By Bryce J. Renninger | feelingsoblahg.blogspot.com November 2, 2010 at 4:3AM
In this week's top five to check out on one of the tiny tubes you've got at home, TCM takes us behind the scenes of the early years of Hollywood, Pixar looks at the hidden lives of toys, two classics get re-releases, HBO's look at WWII's Pacific stage, and an Austin filmmaker looks at one of YouTube's most potty-mouthed stars.
1. TCM's "Moguls and Movie Stars: A History of Hollywood"
Last night, the cable network Turner Classic Movies started their "Moguls and Movie Stars" seven-hour multipart documentary, narrated by Oscar nominee Christopher Plummer. The series will run over seven weeks, with a new installment airing every Monday and a rerun every Wednesday from yesterday (with the first episode re-airing tomorrow) through December 13. So far, I've only been able to catch the first hour, but it's a healthy mixture of clips and the industry's finest (like our own Peter Bogdanovich) and film historians offering invaluable context and trivia. The first installment, "Peepshow Pioneers" starts with the early days of the technology, looks at the medium's popularity amongst immigrant communities, and provides witness to the founding of Hollywood. With the footage and expertise of the people involved, the series is a must-see for the casually interested to the hardcore cinephile.
2. "Toy Story 3" (criticWIRE rating: B+)
The third installment of the "Toy Story" franchise comes home this week, with a special box set of the trilogy arriving at stores too (If you haven't seen the second in the series, you're missing out on some amazing filmmaking and a good cry.). In the third film, Andy goes off to college and the toys make their way to a daycare center where they must contend with the ruler of that roost: a teddy bear named Lots-o'-Huggin'. In his blog review of the film, Todd McCarthy noted, that the film, "after a slam-bang action teaser, takes perhaps a bit longer than necessary to put all its pieces in place. But once it kicks in to unexpectedly become a prison-break thriller, it fires on all cylinders all the way to the finish line."
3. "Winnebago Man" (criticWIRE rating: B+)
YouTube sensation Jack Rebney, the foulmouthed star of a now-infamous Winnebago promotional video, is profiled in Ben Steinbauer's film about the elusive man who became the obsession of many a tape trader and YouTube video. Today, the film comes out on DVD via Kino. Roger Ebert puts in his two cents (and three stars), saying "Although we find out a lot about this virtual hermit and develop an admiration for his cantankerous principles, the movie leaves some questions unanswered…We suspect, but can't be sure, that much of his anger is not uncontrolled, but is aimed consciously at what he considers a stupid and corrupt world. He is not a comic character; he's dead serious." The film has great value, though, as a document of the anatomy of a YouTube sensation.

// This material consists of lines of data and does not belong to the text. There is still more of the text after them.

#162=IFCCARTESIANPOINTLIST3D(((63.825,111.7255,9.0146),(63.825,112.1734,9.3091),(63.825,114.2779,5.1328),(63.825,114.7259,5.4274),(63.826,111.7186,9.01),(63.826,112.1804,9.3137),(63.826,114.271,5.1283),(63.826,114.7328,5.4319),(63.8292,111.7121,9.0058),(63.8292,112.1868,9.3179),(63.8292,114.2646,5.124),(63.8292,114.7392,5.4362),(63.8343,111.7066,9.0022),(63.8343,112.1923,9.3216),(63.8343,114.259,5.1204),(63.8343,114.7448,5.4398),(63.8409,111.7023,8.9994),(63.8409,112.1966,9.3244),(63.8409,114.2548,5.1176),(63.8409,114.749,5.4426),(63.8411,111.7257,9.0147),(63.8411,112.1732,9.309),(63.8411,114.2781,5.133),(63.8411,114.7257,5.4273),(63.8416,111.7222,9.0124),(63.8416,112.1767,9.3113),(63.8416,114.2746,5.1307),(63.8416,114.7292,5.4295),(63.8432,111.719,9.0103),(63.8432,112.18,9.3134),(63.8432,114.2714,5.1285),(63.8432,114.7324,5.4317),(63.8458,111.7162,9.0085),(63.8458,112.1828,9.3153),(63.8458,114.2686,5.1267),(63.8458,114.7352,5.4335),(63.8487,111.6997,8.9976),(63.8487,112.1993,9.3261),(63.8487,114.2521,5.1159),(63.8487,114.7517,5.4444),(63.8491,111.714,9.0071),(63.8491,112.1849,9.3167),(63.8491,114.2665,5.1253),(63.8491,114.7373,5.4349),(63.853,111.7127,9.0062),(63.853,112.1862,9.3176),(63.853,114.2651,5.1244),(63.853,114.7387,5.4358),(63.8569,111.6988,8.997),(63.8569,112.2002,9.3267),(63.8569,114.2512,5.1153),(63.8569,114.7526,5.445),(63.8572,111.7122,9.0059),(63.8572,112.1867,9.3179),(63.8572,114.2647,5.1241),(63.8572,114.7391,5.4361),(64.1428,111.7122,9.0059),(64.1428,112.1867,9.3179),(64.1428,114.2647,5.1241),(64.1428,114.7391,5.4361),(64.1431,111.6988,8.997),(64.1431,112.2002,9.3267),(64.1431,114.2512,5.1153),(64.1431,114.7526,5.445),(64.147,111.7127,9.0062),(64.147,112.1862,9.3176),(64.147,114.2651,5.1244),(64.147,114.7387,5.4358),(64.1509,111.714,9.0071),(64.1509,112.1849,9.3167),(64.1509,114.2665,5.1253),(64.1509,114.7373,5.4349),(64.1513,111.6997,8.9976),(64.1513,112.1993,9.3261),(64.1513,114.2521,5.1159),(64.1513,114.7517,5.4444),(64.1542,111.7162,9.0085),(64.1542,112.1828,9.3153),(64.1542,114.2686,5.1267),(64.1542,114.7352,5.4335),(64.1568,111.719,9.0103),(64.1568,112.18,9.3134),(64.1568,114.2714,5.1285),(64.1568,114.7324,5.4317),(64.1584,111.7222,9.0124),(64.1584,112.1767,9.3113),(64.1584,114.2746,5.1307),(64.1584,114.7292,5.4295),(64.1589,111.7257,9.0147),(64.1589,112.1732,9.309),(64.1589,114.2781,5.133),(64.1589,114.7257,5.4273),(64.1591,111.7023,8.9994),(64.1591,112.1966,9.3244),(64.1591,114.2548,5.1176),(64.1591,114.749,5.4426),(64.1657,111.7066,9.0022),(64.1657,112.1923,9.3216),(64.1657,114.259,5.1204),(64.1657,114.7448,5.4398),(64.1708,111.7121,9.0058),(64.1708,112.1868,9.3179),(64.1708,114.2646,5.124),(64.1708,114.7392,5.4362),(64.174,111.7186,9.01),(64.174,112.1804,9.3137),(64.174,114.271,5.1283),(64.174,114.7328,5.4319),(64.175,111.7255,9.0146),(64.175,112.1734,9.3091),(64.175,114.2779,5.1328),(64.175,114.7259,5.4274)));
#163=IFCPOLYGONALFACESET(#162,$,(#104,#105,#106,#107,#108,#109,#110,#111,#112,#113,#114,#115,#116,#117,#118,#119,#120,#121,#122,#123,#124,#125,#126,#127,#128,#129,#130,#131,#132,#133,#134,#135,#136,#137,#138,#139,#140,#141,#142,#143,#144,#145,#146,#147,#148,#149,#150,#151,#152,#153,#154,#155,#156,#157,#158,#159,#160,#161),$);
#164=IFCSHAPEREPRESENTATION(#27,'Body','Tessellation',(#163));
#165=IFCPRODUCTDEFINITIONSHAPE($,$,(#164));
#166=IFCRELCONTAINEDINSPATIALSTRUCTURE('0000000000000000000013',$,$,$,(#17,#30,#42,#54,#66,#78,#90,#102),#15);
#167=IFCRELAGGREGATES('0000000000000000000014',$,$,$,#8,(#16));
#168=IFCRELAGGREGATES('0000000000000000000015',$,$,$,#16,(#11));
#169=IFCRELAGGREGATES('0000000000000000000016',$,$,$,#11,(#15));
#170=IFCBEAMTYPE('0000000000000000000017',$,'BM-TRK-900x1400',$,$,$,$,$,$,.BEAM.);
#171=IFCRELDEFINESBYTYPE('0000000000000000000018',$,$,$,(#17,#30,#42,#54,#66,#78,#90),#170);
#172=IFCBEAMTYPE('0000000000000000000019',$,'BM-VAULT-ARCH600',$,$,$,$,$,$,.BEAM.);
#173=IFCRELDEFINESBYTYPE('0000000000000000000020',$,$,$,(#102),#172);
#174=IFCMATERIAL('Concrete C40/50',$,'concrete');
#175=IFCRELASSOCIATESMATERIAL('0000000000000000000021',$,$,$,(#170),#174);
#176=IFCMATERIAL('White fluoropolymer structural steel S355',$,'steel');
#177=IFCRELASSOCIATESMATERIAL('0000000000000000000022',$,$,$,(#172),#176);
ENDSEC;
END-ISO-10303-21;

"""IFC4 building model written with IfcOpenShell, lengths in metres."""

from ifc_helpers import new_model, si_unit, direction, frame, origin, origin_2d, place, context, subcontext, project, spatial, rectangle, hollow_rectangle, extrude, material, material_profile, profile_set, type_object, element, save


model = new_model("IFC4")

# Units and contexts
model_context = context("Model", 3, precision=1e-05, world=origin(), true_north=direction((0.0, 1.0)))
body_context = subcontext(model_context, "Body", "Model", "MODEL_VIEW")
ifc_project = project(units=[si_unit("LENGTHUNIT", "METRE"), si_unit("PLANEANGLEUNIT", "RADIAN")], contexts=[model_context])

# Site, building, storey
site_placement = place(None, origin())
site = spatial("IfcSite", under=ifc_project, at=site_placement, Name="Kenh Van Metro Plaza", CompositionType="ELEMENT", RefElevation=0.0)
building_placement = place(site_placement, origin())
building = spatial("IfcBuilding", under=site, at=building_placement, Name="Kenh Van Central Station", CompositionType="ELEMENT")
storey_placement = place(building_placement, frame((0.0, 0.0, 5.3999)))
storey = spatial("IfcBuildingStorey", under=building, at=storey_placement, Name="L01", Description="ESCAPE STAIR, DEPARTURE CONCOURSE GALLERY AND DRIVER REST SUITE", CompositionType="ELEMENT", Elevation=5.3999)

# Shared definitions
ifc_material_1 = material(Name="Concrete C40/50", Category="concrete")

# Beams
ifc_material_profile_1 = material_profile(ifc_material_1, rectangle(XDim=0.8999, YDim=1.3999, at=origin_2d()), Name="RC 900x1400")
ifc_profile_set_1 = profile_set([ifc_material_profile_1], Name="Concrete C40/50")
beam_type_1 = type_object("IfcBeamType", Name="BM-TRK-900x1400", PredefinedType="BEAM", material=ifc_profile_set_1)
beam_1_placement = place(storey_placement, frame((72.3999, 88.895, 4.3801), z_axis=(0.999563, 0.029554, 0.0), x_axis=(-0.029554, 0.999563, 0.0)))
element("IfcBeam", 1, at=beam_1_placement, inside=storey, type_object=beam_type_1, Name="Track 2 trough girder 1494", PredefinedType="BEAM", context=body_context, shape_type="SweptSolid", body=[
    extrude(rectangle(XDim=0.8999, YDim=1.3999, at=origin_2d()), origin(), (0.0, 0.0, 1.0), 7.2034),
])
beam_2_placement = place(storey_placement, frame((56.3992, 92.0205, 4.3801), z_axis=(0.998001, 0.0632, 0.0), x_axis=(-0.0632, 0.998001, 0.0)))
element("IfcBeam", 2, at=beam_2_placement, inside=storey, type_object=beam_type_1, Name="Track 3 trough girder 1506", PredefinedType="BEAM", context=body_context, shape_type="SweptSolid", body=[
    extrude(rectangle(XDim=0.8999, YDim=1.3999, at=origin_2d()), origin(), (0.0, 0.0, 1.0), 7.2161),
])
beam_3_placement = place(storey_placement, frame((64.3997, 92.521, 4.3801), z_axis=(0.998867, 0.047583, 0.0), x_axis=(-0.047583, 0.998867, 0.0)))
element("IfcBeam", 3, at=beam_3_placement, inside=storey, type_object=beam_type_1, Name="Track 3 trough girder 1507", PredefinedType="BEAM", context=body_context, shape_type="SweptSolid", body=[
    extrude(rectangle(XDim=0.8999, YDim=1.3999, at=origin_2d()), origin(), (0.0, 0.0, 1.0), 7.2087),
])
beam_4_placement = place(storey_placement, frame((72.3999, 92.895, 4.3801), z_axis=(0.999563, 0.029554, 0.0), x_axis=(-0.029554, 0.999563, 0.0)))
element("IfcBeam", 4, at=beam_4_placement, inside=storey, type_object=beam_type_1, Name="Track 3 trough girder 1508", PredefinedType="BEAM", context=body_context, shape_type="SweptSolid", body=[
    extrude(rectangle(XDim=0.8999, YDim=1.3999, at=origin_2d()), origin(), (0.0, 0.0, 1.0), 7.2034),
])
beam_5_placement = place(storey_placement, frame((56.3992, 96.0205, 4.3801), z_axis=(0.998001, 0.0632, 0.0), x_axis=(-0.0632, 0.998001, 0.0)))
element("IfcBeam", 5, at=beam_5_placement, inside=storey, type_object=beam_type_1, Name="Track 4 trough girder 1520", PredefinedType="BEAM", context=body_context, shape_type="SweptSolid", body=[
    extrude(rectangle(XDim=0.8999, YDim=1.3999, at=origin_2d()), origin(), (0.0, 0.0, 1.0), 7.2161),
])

5. "The Sound of Music" & "The Bridge on the River Kwai" Box Sets
"The hills are alive" with stuffed box sets of two of the mid-twentieth century's biggest films. Christopher Plummer makes a return on our list as Captain Von Trapp to Julie Andrews's Maria. Along with the film's classic songs like "My Favorite Things" and "Do Re Mi," the box set provides all the material for a singalong, a backlot tour, and various TV content related to the film, including a Julie Andrews-Carol Burnett parody. "The Bridge on the River Kwai" heads home again with a Blu-Ray version that includes a DVD version of the film, and various photographic material and archival material featuring William Holden.
5. "The Pacific"
From the creators of "Band of Brothers" (Steven Spielberg, Tom Hanks, and company) comes "The Pacific," the wildly acclaimed HBO miniseries that aired on the network this spring. All ten hours of the series, which recreates the United States' WWII battles in the Pacific, comes home on DVD this week. "The Pacific" follows Marines from Guadalcanal all the way to Okinawa. Writing during the film's original run, The New York Times TV critic Alessandra Stanley notes, "“The Pacific” comes at a time when American troops are once again fighting on two fronts against an implacable enemy that combats advanced weaponry with fanaticism and suicide bombers…For all its realism, “Band of Brothers” was veined with an almost romantic infatuation with just war and noble warriors. “The Pacific” is harder to watch and all the better for it."